Das Problem kenn ich. Ist bei mir genauso. Hab eine AMD Turion 64 CPU mit 2GB RAM und ner ATI-Grafikkarte und auch XP Pro.

Hab aber leider auch kein Plan, woran es liegt.


----------



## euro (14 Juli 2008)

Ist das bei dir auch bei der Demoversion aufgetreten, oder bei der Vollversion?


----------



## trinitaucher (14 Juli 2008)

Ob Demo oder Vollversion is wurscht...

aber es könnte am AMD-Prozessor liegen. Hab letztens von nem Kollegen gehört, dass der Beckhoff-Support sowas ihmgegenüber angedeutet hätte. Weis nicht mehr, ob's an den 64 Bit oder am Dual Core lag, aber offiziell würde die Funktionsfähigkeit nur mit Intel Prozessoren gewährleistet werden.
Aber Dual-Core Intel-Rechner funktioniert auf jeden Fall, ebenso 4 Jahre alter Athlon-Prozessor .... hab ich nämlich selbst


----------



## art_anlagen (22 August 2008)

Bei TwinCat gibt es in diesem Sinne keine Demoversion. Die Runtime bendet nur nach 30 Tagen ihren Dienst.

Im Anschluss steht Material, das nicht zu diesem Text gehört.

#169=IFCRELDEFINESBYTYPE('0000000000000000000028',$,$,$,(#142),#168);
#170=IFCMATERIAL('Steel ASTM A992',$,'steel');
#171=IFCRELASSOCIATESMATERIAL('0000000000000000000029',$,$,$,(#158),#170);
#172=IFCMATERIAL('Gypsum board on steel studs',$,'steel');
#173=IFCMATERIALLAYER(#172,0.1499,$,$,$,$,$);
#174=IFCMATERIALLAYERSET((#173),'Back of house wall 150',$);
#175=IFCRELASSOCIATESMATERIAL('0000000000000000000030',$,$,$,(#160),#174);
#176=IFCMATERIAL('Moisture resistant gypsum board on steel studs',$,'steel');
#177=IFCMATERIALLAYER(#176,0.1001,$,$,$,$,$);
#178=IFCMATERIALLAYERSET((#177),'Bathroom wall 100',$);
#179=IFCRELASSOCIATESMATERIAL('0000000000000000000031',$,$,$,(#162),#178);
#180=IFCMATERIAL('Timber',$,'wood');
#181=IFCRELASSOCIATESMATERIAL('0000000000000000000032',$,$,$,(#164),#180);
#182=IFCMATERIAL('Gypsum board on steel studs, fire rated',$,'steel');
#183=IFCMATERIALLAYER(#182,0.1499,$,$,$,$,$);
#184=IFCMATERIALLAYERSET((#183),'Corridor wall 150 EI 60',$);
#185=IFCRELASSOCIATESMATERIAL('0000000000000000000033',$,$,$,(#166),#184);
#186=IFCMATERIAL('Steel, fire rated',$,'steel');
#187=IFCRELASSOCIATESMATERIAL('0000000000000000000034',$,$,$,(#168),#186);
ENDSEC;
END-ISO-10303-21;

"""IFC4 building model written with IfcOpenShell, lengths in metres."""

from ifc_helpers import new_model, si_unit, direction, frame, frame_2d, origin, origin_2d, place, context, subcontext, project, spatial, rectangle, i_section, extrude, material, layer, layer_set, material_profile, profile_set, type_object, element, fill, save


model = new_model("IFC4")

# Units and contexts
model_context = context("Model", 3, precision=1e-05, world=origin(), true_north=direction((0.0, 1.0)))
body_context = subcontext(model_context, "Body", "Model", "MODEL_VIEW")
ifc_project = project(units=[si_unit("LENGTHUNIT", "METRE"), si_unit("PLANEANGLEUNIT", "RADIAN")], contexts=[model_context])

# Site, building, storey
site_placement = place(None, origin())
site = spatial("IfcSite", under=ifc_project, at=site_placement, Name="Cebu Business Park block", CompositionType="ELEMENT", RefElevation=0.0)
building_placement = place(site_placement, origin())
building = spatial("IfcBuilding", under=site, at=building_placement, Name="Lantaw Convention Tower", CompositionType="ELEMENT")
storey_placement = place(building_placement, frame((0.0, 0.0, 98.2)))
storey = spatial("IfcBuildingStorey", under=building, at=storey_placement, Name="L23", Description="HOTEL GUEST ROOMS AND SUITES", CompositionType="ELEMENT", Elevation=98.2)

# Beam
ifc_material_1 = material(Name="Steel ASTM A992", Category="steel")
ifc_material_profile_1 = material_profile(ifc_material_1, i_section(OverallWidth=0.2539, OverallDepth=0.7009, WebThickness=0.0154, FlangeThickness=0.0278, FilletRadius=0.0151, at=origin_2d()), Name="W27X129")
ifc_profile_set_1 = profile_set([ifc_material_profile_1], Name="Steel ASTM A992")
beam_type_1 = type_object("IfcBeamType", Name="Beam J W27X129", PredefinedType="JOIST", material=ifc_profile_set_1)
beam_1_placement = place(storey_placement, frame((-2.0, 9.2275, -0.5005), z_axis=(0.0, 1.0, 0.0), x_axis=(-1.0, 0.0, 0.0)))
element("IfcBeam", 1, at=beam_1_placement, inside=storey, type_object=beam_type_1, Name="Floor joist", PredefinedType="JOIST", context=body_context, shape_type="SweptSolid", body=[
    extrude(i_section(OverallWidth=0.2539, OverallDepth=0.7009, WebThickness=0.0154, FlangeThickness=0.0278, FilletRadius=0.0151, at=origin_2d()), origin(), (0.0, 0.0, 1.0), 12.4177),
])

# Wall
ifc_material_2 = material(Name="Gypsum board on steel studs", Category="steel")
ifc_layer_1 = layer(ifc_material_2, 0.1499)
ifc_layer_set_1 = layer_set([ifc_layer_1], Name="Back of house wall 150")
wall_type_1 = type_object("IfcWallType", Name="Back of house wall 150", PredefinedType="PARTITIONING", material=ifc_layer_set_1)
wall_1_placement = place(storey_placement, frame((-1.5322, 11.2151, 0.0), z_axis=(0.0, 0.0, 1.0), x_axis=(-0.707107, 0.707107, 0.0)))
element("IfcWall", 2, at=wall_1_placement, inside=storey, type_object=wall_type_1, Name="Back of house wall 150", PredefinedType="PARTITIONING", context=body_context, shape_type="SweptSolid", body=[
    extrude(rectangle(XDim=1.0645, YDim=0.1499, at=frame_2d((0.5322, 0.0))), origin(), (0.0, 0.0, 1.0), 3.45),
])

Bei einigen AMD-Prozessoren (Dual core?) muss man in der Regestry folgenden Eintrag von 1 auf 0 ändern:

HKEY_LOCAL_MACHINE\Software\Beckhoff\TwinCat\System
--> DisableC1E=0

Das sollte klappen


----------



## euro (22 August 2008)

Jawohl, hat geklappt. 
Danke!


----------



## Cerberus (26 August 2008)

Steh grad weng aufm Schlauch! Kann mir einer mal kurz bitte erklären wie ich in die Registry komm? War zwar schon mal drin, aber das ist ne Weile her.


----------



## Cerberus (26 August 2008)

Hat sich erledigt.

Mir ist gerade wieder eingefallen, dass man mit Ausführen -> regedit in die Registry-Einträge reinschauen kann.


----------



## silas (19 Januar 2009)

Ist zwar schon eine weile her, aber ich sah mich auch mit dem Problem konfrontiert.
Hatte mir einen neuen Labtop geholt mit Vista 64bit. Jedes mal beim Installieren von TwinCat ist mir der Rechner in den Bluescreen gegangen und neu hochgefahren.
Heute hab ich deshalb mal bei Beckoff-Suport angerufen.
!!Ja, wenn sie ein 64 Bit Betriebssystem haben geht dass nicht!!
Ich versuch es heut mal mit Virtual PC. Da dann WinXP32Bit drauf und TwinCat.


----------



## Cerberus (20 Januar 2009)

silas schrieb:


> Ist zwar schon eine weile her, aber ich sah mich auch mit dem Problem konfrontiert.
> Hatte mir einen neuen Labtop geholt mit Vista 64bit. Jedes mal beim Installieren von TwinCat ist mir der Rechner in den Bluescreen gegangen und neu hochgefahren.
> Heute hab ich deshalb mal bei Beckoff-Suport angerufen.
> !!Ja, wenn sie ein 64 Bit Betriebssystem haben geht dass nicht!!
> Ich versuch es heut mal mit Virtual PC. Da dann WinXP32Bit drauf und TwinCat.


 
Na hast du schon ein Ergebnis?


----------



## suud (20 Januar 2009)

silas schrieb:


> Ist zwar schon eine weile her, aber ich sah mich auch mit dem Problem konfrontiert.
> Hatte mir einen neuen Labtop geholt mit Vista 64bit. Jedes mal beim Installieren von TwinCat ist mir der Rechner in den Bluescreen gegangen und neu hochgefahren.
> Heute hab ich deshalb mal bei Beckoff-Suport angerufen.
> !!Ja, wenn sie ein 64 Bit Betriebssystem haben geht dass nicht!!
> Ich versuch es heut mal mit Virtual PC. Da dann WinXP32Bit drauf und TwinCat.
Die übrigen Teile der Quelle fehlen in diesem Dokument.